SIP, like HTTP, is versatile and simple to use. It can set up collaborative multimedia conferencing and voice-enabled e-commerce. SIP is expected to become the norm for VoIP implementations within a couple of years, though today just about all enterprise VoIP vendors would rather keep you locked into their proprietary signaling solutions. The IETF published the first version of SIP, RFC 2543, in 1999 and the most recent version, RFC 3261, last June.
SIP is ideal for VoIP, where a session over the Internet replaces the traditional end-to-end circuit for a voice call in a legacy network. The ITU's H.323 multimedia standard, as well as some vendor-proprietary VoIP phones, also do this. VoIP vendors that built products before SIP emerged have adopted H.323. But SIP is simpler to implement than H.323 and is a lighter-weight protocol with less overhead.
SIP is more than a standards-based replacement for legacy phone connections, though. It makes it easier to implement advanced multimedia services, such as presence, which allows you to determine instantly whether a user can and wants to receive a call on a specific phone, as well as over video and instant messaging sessions. It also lets you ring multiple destinations in a VoIP call.
And SIP is making commercial inroads. Microsoft's WinMessenger IM program, which comes packaged with its XP OS, is based on SIP. WinMessenger also uses SIP to make Internet phone calls. Future 3G wireless WANs, too, will use SIP for setting up and tearing down calls.
Still, there are plenty of misconceptions about what SIP can actually do. SIP does not, for instance, transport digitized voice. That's the job of the RTP (Real-Time Transport Protocol), which transports voice after SIP establishes the call. And before SIP can set up voice, text-messaging or video sessions using various codecs and techniques, you need to determine what features the devices in the session support. That's where the Session Description Protocol comes in: SIP relies on SDP to negotiate the capabilities between two endpoints in a potential conversation.
You're Invited
SIP can use UDP (User Datagram Protocol) or TCP as a transport, but by default it uses UDP on Port 5060. If a SIP packet is dropped by an unreliable protocol like UDP, SIP retransmits its command once it decides it has waited long enough for a response.
The most common command SIP sends to another endpoint is the "invite" command.

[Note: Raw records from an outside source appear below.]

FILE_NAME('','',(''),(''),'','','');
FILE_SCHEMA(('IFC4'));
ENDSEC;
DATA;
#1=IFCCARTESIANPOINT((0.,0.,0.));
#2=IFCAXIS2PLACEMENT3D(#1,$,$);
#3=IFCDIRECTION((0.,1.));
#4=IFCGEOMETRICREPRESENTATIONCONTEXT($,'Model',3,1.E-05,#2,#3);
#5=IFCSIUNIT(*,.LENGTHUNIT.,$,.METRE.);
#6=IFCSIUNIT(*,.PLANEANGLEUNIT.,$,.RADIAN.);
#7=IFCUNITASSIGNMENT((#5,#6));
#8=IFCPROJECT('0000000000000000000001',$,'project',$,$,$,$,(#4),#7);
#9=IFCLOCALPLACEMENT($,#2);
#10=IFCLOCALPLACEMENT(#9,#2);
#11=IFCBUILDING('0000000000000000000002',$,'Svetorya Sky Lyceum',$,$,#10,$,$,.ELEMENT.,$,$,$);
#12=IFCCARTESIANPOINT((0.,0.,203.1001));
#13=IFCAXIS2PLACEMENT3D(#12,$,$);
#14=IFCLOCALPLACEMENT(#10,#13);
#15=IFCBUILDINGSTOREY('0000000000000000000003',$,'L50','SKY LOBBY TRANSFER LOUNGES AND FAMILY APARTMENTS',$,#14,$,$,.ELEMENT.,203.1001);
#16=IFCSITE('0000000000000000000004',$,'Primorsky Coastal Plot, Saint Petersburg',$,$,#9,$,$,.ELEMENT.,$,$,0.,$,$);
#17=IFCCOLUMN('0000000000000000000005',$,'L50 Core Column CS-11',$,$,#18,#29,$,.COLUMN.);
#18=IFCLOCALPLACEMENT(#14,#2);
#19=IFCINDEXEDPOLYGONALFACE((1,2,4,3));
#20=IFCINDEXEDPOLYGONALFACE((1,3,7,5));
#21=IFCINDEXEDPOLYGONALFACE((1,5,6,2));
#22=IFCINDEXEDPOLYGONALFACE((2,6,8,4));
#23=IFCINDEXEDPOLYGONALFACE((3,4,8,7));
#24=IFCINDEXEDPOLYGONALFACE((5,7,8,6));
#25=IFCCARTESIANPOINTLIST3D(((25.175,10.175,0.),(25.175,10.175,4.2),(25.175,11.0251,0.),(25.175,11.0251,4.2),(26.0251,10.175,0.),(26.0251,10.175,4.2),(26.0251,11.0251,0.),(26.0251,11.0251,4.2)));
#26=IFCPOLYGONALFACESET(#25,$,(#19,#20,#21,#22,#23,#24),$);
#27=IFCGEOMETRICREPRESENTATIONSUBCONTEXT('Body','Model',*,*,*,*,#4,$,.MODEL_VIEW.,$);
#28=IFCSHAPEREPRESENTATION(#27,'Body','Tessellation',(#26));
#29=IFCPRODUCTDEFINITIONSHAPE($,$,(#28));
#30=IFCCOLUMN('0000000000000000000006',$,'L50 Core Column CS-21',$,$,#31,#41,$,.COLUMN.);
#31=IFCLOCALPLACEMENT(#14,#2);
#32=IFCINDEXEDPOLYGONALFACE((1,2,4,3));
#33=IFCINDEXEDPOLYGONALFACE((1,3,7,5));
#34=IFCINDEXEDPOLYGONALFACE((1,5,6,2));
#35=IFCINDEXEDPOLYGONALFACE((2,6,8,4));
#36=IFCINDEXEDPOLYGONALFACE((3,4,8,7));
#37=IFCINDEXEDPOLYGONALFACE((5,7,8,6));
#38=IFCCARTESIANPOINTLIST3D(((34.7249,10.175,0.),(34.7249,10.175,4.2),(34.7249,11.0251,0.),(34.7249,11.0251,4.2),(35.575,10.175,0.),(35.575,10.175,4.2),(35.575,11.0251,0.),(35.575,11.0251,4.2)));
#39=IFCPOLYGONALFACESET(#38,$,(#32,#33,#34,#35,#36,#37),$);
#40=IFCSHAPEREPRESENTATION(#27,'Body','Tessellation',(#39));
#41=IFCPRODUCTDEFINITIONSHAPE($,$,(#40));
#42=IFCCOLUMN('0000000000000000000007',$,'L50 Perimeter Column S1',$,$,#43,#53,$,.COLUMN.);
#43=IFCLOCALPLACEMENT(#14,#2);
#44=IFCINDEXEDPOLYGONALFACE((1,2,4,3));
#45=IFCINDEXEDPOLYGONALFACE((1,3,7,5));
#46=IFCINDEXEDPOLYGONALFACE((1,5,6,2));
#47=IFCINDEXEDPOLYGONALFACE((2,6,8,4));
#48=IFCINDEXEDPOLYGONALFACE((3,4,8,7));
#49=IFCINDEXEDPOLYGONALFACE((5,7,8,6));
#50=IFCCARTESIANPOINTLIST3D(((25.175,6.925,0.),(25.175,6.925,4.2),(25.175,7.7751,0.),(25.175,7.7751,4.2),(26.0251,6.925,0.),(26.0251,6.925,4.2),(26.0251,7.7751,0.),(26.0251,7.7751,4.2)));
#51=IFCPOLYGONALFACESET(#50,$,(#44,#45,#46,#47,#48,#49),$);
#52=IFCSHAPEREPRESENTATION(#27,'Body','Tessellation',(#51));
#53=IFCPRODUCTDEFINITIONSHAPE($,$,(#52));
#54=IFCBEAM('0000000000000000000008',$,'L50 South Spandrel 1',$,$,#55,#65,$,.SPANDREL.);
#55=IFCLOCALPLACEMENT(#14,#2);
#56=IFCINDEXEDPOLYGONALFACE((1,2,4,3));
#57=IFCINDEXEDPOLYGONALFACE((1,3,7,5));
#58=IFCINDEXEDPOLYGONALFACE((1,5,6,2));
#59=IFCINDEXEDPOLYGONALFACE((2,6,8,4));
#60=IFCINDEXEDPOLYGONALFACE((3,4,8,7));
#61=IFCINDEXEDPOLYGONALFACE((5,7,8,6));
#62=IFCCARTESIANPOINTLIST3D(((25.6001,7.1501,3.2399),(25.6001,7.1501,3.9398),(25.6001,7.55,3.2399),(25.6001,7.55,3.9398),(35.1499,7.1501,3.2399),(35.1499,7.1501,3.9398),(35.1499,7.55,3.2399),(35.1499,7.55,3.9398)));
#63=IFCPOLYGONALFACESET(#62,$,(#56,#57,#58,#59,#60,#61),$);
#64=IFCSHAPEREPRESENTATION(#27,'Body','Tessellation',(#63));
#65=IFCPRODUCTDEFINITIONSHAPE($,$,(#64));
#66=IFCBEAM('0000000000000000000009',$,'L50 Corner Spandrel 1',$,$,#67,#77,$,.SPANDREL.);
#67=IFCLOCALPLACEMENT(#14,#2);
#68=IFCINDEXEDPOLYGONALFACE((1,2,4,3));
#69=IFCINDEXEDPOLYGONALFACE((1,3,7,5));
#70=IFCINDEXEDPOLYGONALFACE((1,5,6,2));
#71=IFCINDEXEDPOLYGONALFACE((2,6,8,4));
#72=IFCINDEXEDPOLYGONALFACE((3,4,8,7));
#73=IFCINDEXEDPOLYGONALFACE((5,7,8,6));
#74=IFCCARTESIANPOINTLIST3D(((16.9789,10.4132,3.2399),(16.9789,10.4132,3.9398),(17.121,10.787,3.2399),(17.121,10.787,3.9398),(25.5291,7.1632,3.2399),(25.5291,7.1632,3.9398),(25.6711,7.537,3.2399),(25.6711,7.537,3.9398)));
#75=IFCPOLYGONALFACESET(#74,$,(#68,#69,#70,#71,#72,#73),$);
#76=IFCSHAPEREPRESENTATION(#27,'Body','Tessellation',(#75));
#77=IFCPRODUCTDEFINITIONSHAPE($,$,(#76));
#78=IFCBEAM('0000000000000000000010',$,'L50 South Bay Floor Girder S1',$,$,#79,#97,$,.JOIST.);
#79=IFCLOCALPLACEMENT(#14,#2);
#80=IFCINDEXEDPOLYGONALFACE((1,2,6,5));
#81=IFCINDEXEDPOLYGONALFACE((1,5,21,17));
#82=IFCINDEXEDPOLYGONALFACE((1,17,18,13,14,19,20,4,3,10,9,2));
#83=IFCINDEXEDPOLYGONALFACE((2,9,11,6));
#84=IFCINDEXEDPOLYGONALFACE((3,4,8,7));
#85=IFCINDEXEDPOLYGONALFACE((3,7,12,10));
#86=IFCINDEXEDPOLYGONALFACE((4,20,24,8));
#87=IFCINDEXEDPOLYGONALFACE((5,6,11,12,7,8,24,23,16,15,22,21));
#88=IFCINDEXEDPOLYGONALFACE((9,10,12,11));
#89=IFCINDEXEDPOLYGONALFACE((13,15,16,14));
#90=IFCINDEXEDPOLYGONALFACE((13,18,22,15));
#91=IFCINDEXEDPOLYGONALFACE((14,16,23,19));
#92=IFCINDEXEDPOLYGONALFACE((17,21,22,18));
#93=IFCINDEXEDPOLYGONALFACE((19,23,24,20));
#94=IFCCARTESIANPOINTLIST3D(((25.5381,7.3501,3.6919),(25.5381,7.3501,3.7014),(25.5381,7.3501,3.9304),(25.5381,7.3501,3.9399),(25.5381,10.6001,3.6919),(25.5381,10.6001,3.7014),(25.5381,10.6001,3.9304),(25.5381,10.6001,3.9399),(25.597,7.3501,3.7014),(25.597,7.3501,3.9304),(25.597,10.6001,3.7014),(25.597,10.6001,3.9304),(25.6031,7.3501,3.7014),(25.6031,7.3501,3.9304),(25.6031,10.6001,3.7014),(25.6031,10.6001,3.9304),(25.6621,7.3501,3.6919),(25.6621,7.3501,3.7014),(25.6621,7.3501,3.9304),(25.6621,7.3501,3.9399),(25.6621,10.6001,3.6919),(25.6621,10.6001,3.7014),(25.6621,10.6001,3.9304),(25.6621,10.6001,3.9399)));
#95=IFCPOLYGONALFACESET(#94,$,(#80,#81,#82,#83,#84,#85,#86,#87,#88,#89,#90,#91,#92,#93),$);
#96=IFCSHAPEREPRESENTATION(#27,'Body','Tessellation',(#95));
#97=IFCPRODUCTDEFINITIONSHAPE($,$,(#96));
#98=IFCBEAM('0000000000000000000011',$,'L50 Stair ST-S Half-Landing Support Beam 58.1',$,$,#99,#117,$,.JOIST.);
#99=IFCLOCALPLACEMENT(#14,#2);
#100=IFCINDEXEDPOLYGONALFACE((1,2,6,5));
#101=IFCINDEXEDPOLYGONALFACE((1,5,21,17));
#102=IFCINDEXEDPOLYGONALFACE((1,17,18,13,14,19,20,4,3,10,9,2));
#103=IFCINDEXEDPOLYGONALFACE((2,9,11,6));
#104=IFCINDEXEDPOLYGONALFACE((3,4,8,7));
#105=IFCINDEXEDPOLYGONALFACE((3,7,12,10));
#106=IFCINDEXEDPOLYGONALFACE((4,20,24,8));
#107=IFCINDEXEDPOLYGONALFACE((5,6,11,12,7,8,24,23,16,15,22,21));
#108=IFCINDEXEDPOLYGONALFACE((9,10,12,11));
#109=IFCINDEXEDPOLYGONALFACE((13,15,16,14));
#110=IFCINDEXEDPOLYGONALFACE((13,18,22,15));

When a SIP phone or UA (user agent) wants to connect to another SIP phone or UA, it sends an invite. If the invite is successful, the originator receives a "200" response, which means everything is OK and the session is established.
Like HTTP and SMTP, SIP is in plain text, which makes it easier to parse the commands. And any protocol analyzer can show the actual commands and responses in a simple ASCII translation.
Along with the invite, a SIP header contains a "to" and "from" address similar to that in an e-mail message. Each of these addresses is called a URI (Uniform Resource Identifier) and looks like an e-mail address:
sip:peter@nwc.com
The "to" field in the URI can contain a standard phone number. The SIP header also contains a "call ID," which is a unique number that identifies the SIP transaction, and a "via" field, which tells the UA which IP address to use for sending its response when it's negotiating the initial connection.
Once the session is established, the "contact" field--the UA's IP address--is used. That's the destination the recipient UA uses to talk to the originating UA. When NAT (network address translation) is deployed, the endpoint uses an unroutable NAT address inserted in the SIP layer as the return address. But SIP vendors can use various work-arounds: A SIP device can use the IP packet's source address, for instance, rather than the IP address that appears in the SIP header. A SIP-aware firewall can use NAT to change the IP address in the SIP header.
The invite request uses SDP syntax to tell the UA the caller's media capabilities. When the called party answers, it replies with the OK message, which also includes the supported media capabilities.